# HAVANESE SIMESE TWINS PHOTO



## Suzi (Oct 27, 2010)

How would these twins survive? The breeder is Noahs Arch? She has like 3 special needs puppy's


----------



## Kathie (Jul 31, 2008)

Was the breeder trying to sell them?


----------



## dodrop82 (May 21, 2010)

I don't think they are siamese....they look like 2 separate pups to me....


----------



## morriscsps (Aug 17, 2010)

If you scroll down through the pics, there are a couple where you can see that they are separated. No mention of what the health problems are. http://www.noahslittleark.com/Sold_Havanese_Puppies_Detail.cfm?ID=878


----------



## Suzi (Oct 27, 2010)

dodrop82 said:


> I don't think they are siamese....they look like 2 separate pups to me....


 Now I feel really stupid I thought so maybe not What would the special need be I am trying to paste the web page I'll try agian

http://www.noahslittleark.com/Special_Needs_Havanese.cfm


----------



## Kathie (Jul 31, 2008)

They didn't mention health testing the parents, either.


----------



## andra (Aug 23, 2010)

I would not feel stupid Suzi  as it is confusing since the breeder does not specify what the problem is exactly and with which pup.

andra


----------



## The Laughing Magpie (Aug 20, 2009)

The dog JJ has a cleft lip and may have a palate problem. This is from awhile ago.


----------



## Suzi (Oct 27, 2010)

Gee:brick: I am sorry if I offended anyone I really thought the pups were joined together and I was concerned about them.


----------



## The Laughing Magpie (Aug 20, 2009)

Suzy, I don't know about the others....Why are you putting these pictures up? I don't think of them as amusing or fun. An example is the dog with the cleft lip and possible palate would have trouble feeding and it takes several operations to fix.


----------



## Suzi (Oct 27, 2010)

The Laughing Magpie said:


> Suzy, I don't know about the others....Why are you putting these pictures up? I don't think of them as amusing or fun. An example is the dog with the cleft lip and possible palate would have trouble feeding and it takes several operations to fix.
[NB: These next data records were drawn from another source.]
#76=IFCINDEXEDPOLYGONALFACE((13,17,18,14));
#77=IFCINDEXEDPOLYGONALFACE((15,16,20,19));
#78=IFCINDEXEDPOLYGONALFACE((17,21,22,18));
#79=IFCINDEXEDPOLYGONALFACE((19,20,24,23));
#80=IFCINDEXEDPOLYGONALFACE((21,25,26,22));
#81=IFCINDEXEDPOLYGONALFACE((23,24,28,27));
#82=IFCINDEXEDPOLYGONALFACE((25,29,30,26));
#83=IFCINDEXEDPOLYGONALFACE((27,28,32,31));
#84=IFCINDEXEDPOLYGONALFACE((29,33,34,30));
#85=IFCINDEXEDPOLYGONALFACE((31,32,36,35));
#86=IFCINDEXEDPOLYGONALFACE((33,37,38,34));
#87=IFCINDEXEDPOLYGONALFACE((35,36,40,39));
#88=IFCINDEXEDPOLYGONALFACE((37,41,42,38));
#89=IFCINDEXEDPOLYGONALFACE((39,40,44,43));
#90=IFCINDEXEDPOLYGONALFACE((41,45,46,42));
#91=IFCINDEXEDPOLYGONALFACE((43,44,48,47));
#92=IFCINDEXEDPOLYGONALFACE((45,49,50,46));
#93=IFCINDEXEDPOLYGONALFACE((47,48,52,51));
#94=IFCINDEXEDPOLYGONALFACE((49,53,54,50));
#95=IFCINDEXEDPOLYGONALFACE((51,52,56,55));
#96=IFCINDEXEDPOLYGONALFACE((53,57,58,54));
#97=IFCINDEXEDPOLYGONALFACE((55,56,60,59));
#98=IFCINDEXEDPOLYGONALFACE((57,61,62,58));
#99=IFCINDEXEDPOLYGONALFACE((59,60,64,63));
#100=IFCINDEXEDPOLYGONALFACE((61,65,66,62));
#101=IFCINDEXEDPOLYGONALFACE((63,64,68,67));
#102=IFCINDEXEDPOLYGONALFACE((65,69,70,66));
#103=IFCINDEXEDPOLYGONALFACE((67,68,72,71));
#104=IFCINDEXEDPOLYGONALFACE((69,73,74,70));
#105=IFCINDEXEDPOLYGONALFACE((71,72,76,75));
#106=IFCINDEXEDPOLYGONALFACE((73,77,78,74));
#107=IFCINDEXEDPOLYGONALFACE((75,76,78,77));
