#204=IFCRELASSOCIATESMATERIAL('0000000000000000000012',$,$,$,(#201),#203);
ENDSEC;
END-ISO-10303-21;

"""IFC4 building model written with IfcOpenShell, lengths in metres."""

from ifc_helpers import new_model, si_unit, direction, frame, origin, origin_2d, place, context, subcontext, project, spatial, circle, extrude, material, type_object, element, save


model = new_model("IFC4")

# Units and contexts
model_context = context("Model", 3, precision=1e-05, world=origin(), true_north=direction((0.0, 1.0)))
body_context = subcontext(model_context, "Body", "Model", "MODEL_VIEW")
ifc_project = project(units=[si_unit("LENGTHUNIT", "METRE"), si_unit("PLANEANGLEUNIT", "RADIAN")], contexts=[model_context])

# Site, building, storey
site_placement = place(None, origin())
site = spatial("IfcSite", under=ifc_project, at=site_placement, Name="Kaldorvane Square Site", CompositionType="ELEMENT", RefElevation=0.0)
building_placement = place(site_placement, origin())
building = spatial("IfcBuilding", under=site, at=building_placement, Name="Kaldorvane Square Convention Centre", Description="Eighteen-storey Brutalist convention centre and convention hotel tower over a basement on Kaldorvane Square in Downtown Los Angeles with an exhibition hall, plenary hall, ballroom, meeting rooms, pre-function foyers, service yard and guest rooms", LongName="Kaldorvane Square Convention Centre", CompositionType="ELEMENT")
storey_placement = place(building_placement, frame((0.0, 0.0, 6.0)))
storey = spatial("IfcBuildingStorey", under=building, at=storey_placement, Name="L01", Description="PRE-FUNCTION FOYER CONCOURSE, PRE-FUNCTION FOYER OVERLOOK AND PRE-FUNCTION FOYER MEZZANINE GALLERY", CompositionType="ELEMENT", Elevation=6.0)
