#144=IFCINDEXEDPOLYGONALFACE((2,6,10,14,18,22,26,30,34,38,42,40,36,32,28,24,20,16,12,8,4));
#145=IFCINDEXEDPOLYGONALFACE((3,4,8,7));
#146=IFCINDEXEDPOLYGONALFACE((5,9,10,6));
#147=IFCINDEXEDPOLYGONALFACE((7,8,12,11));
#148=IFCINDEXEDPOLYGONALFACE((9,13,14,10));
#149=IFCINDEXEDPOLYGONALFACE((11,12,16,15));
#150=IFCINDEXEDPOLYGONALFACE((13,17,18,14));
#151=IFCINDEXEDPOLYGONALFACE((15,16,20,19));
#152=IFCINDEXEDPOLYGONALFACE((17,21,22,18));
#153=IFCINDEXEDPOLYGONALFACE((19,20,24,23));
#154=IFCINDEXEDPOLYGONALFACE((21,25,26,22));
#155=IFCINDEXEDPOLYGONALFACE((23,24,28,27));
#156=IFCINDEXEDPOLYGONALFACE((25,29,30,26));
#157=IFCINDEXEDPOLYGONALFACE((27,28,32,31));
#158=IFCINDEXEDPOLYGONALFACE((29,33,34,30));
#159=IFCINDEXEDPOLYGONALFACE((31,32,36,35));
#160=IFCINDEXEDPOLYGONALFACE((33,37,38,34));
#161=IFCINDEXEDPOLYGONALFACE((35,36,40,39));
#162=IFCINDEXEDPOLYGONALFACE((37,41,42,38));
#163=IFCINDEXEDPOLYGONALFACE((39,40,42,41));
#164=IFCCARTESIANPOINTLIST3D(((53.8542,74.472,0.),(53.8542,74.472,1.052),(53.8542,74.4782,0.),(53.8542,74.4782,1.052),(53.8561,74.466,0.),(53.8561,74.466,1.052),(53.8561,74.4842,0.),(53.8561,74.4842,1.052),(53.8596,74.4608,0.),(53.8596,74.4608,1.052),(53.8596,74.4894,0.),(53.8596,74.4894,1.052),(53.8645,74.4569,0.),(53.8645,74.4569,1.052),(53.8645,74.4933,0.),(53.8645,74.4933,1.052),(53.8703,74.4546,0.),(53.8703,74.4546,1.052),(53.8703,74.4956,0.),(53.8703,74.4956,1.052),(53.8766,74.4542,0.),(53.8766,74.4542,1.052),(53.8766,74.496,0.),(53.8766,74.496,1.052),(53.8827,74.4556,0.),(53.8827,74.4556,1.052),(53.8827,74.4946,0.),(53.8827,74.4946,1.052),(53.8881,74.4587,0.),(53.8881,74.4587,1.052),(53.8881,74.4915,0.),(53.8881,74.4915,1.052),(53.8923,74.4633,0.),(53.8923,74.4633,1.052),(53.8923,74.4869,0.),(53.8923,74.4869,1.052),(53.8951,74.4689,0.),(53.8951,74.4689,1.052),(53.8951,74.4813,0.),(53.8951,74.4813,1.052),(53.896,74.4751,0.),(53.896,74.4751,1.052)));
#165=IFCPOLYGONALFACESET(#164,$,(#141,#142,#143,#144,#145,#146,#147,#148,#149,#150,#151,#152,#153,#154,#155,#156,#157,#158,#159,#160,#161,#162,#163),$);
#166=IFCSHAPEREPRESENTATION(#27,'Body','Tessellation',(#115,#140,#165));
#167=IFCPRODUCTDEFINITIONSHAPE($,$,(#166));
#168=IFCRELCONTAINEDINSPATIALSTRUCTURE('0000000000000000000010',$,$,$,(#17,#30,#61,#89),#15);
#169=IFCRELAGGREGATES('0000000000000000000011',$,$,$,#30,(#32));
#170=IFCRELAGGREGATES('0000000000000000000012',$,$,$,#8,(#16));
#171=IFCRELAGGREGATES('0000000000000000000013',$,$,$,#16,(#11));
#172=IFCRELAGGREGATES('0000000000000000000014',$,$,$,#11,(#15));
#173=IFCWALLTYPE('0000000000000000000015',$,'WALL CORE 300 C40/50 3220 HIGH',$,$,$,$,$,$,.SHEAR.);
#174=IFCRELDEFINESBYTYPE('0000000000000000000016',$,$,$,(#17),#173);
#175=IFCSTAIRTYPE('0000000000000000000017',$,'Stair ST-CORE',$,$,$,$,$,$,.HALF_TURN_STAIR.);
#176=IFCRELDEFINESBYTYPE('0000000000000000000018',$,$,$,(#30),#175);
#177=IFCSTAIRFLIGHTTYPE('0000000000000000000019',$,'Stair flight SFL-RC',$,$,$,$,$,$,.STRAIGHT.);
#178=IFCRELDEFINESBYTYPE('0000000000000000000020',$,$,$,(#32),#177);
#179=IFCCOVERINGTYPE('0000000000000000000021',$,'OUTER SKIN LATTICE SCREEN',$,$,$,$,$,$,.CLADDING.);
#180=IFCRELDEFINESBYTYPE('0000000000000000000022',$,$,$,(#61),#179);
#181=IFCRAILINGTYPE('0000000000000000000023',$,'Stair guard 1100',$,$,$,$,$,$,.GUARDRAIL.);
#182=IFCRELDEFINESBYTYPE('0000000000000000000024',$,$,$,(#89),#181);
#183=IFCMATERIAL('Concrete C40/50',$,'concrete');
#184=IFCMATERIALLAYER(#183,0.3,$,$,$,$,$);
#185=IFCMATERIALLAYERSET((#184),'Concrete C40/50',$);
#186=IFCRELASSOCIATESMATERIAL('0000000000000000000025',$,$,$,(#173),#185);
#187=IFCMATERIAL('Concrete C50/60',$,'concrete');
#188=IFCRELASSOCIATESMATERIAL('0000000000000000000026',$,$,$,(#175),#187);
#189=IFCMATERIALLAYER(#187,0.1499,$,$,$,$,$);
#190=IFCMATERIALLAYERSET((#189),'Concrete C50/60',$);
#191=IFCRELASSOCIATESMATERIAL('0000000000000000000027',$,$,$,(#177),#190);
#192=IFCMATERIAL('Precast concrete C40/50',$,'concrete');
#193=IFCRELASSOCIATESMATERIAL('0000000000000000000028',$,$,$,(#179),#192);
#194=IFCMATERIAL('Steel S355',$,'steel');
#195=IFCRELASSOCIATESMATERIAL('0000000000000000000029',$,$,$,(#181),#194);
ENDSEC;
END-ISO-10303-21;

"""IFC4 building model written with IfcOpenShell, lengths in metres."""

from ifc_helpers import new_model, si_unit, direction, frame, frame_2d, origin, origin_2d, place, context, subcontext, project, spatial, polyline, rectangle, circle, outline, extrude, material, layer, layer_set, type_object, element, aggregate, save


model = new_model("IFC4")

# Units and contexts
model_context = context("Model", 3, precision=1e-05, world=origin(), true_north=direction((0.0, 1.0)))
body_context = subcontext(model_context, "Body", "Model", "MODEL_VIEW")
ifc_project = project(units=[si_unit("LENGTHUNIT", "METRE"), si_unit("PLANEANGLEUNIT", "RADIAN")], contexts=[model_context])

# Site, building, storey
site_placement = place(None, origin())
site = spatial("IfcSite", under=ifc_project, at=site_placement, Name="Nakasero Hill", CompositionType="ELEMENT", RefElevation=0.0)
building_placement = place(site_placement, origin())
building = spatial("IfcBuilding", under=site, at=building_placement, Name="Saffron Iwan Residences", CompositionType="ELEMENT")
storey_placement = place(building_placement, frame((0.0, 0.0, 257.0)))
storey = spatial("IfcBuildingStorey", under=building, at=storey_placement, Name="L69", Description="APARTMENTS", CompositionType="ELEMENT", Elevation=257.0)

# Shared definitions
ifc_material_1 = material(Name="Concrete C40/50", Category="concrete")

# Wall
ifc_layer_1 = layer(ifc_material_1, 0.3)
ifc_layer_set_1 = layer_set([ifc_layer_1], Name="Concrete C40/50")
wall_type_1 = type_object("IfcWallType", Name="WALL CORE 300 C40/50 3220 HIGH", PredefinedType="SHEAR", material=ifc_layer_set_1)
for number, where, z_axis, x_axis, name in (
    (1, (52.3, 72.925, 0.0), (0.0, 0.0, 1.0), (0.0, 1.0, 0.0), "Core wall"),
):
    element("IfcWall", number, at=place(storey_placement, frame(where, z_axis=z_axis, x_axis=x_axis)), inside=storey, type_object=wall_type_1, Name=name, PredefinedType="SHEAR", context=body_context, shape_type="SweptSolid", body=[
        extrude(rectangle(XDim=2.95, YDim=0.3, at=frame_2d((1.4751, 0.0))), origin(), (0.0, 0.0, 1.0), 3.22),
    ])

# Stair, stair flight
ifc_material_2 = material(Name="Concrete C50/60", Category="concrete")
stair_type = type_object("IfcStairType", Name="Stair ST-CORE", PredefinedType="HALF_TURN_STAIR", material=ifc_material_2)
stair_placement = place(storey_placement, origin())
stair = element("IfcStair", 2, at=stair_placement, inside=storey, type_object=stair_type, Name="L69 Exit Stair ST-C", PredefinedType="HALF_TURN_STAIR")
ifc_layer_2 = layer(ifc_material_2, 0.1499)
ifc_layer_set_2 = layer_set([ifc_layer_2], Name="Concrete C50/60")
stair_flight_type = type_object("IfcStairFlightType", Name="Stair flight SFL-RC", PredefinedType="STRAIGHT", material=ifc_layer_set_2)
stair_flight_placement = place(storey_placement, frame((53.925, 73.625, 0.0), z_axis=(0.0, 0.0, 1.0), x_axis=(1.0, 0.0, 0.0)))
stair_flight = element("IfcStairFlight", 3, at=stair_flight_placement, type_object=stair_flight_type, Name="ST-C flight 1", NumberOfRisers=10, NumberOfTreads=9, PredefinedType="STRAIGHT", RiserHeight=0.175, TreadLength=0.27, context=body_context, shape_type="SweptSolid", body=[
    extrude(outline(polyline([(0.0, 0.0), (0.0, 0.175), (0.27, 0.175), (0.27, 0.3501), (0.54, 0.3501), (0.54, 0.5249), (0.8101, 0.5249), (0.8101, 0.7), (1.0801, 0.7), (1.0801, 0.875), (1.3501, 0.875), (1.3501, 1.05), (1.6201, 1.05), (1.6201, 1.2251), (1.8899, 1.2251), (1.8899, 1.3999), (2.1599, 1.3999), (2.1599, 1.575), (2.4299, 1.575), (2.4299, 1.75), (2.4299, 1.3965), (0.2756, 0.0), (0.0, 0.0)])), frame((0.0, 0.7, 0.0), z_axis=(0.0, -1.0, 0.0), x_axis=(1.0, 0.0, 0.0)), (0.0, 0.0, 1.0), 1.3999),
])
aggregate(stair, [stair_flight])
 I did not think of them as amusing or fun sorry to offend you . I am glad the pups are not joined. The other pictures I just found interesting. It is a fact of life that sometimes these things happen. And I hope the pup with the cleft get the operations. The second dog on the site I think has dwarf legs And I am not sure about the ones I thought were joined together. 
I got the other pictures off the internet because I was trying to learn about animals that a joined. It is not funny at all.


----------



## Dana N (Jan 27, 2011)

Be real careful with that breeder.


----------